Another remarkable fact is that the eastern part of Skeidarársandur, north of Ingólfshöfdi, was inhabited from the time of the colonization of Iceland until the fourteenth century. Such habitation could not have been possible if glacier bursts of the magnitude of recent centuries had taken place. As will be seen from the photograph in Fig. 3, the whole marginal part of the sandur becomes flooded when these bursts occur. We know that the Icelandic glaciers were considerably smaller during the early settlement of Iceland than they have been during recent times. Only now are they beginning to shrink to their previous size. May not then the explanation of human habitation of the sandur be that the Skeidarárjökull in those days was not capable of damming any major quantity of water in Grimsvötn? In other words, I suggest that a similar situation existed then as in the 1940’s with small and frequent glacier bursts instead of large, devastating ones. It is also of interest that no visible volcanic eruptions were connected with the four most recent glacier bursts, whereas almost every glacier burst of the past centuries has been followed by volcanic eruptions.
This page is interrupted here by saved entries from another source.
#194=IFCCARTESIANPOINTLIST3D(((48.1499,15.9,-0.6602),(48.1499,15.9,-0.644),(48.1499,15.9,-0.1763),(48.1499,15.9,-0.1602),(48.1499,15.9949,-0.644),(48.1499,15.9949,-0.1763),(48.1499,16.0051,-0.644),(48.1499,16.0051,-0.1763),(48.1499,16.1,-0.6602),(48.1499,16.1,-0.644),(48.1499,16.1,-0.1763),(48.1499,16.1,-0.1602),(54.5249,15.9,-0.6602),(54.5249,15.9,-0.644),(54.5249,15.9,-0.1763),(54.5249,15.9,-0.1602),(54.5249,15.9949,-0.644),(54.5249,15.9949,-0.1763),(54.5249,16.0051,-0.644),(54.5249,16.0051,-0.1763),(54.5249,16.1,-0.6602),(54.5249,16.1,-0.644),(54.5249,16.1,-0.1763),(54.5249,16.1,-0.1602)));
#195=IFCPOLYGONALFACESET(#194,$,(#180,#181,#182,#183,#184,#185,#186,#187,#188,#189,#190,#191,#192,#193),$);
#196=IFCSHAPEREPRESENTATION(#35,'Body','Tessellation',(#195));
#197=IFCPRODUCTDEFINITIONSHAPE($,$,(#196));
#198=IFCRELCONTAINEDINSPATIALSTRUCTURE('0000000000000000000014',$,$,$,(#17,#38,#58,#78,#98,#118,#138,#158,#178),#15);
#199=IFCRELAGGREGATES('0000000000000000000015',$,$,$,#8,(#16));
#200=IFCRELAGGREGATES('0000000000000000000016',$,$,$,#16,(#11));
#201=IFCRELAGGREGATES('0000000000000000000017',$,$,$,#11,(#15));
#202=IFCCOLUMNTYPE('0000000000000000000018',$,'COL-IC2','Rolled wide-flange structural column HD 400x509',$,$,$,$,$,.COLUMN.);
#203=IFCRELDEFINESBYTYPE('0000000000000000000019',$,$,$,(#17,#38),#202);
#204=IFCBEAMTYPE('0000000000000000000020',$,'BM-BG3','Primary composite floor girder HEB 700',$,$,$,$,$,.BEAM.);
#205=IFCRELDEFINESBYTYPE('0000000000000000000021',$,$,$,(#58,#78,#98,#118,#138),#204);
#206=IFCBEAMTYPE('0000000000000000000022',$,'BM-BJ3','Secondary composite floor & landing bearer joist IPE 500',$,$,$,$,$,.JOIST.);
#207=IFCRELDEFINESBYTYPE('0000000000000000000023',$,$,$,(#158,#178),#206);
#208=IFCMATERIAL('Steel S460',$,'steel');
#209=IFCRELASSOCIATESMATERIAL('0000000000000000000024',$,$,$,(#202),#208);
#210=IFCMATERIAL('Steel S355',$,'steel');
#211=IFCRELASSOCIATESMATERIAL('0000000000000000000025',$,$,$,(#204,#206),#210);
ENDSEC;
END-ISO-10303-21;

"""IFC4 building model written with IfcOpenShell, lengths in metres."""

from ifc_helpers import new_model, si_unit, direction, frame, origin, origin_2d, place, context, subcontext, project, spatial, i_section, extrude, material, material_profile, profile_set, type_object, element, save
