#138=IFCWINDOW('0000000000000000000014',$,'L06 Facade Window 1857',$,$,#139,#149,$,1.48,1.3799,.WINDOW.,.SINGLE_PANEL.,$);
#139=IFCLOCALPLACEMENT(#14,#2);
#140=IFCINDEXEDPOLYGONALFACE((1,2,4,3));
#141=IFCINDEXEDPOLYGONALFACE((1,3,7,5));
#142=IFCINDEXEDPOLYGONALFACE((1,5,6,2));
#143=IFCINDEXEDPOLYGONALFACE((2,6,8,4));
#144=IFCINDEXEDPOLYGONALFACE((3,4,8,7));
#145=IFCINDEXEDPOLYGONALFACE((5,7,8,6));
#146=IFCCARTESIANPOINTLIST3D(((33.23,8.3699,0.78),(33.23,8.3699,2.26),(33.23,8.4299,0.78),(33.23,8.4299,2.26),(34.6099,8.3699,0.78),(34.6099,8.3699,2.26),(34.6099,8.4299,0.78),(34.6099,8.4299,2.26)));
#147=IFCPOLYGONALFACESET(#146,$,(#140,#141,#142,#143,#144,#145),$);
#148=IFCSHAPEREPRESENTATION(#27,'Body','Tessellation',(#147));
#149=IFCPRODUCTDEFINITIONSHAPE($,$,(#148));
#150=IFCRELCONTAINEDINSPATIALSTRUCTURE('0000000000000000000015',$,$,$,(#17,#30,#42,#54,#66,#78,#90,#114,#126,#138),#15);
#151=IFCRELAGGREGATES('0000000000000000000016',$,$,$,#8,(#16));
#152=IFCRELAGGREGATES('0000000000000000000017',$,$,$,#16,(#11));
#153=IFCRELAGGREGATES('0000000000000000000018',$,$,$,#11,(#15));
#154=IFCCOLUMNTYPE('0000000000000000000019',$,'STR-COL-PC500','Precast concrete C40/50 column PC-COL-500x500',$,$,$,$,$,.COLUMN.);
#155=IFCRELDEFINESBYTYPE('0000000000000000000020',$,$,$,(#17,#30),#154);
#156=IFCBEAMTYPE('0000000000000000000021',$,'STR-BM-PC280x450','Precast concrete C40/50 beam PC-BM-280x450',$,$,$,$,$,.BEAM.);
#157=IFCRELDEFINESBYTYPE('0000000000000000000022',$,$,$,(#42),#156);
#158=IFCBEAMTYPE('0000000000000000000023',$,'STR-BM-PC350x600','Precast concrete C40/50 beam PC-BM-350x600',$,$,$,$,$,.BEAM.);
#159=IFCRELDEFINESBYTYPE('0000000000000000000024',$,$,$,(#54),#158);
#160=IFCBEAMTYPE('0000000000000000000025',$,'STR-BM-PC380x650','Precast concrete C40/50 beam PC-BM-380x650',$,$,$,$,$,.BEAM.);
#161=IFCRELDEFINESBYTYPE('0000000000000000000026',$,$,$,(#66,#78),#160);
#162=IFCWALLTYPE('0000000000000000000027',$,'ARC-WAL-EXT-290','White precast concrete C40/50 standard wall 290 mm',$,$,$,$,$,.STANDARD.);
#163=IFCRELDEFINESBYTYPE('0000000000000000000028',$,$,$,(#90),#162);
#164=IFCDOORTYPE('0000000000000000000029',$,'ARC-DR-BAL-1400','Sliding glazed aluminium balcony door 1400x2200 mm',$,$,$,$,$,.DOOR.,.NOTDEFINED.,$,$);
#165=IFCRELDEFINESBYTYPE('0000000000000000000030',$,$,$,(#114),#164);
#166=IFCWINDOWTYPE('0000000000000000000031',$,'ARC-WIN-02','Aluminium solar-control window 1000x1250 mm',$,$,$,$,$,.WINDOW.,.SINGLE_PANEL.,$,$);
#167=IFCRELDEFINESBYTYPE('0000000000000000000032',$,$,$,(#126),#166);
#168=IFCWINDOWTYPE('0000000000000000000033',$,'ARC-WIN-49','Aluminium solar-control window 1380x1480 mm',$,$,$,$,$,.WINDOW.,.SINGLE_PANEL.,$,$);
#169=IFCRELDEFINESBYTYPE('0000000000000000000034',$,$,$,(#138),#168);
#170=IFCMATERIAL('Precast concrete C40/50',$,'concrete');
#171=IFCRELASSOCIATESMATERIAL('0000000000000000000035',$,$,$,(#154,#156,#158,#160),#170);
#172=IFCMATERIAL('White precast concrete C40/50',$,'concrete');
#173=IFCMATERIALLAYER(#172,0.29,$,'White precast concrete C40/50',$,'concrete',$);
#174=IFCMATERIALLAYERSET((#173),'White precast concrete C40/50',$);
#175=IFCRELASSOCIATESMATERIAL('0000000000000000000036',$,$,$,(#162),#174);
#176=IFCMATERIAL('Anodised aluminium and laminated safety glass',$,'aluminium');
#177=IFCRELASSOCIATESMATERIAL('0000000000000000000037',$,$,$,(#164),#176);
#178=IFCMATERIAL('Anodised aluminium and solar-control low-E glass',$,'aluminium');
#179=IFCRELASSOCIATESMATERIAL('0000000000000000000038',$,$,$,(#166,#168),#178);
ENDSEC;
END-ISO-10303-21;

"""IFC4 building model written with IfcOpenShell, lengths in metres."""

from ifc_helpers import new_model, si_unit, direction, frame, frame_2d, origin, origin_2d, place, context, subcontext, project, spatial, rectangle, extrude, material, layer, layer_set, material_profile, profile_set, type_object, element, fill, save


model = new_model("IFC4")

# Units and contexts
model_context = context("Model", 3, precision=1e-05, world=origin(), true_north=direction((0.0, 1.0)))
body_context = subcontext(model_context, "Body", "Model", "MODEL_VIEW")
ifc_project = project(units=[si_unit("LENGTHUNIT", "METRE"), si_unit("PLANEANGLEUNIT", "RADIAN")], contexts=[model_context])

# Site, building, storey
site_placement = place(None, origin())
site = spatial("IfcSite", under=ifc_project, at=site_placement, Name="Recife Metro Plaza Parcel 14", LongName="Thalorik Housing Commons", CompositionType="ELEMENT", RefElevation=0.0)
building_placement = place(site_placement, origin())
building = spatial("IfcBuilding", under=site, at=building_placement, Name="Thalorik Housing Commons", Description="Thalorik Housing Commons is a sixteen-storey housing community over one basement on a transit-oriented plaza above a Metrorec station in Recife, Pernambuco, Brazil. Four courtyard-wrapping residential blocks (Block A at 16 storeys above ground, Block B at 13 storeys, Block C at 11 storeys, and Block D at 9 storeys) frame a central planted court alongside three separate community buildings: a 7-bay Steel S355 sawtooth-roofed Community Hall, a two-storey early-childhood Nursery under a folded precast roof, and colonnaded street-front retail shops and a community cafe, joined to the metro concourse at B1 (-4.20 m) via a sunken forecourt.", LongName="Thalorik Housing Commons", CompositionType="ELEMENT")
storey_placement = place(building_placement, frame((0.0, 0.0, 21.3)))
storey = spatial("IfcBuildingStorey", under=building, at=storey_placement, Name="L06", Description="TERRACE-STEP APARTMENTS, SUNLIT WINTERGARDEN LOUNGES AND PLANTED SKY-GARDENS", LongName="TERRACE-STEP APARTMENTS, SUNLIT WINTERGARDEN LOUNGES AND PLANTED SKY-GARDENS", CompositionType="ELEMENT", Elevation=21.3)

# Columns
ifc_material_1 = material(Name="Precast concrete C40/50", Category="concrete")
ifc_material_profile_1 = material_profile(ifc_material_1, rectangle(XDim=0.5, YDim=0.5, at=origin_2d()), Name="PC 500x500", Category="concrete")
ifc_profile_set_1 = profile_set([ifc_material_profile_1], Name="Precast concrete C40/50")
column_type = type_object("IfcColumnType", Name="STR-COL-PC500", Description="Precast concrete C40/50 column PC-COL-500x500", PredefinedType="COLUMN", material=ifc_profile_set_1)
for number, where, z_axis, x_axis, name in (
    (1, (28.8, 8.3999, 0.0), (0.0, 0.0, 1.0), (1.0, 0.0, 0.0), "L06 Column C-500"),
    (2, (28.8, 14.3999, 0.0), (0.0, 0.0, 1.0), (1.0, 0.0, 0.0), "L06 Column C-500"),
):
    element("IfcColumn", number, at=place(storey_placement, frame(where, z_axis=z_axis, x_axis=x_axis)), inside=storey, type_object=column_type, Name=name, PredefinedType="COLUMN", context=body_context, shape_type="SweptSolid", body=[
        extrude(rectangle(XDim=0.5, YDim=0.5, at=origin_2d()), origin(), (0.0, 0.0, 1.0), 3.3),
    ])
Volcanic eruptions have always been considered as primary and glacier bursts as secondary phenomena. But we have already established the fact that glacier bursts have taken place without any visible volcanic eruptions. We also know that the eruptions first become apparent when the glacier bursts are about to reach a maximum. It is therefore rather tempting to suggest that the glacier bursts are primary and that it is they that determine the moment of the eruptions and not vice versa. The great release in pressure caused by the emptying of the lake might be sufficient to start an eruption. The absence of eruptions in connection with the most recent bursts could perhaps be accounted for by the fact that these were so small that the consequent release in pressure was not great enough to cause an eruption. This, of course, does not rule out the probability that eruptions may again occur when the magmatic tension underneath the Grimsvötn has become sufficiently great.
From this it might be concluded that the change in behaviour of the Grirnsvötn in the 1940’s was one of the consequences of the climatic amelioration during the past few decades. This, of course, is only an hypothesis which may be disproved by the next glacier burst or eruption, nor am I able to tell if it can explain the behaviour of another subglacial volcano, the Katla volcano in Mÿrdalsjökull. Subglacial volcanism in Iceland is still an interesting problem with many unsolved aspects.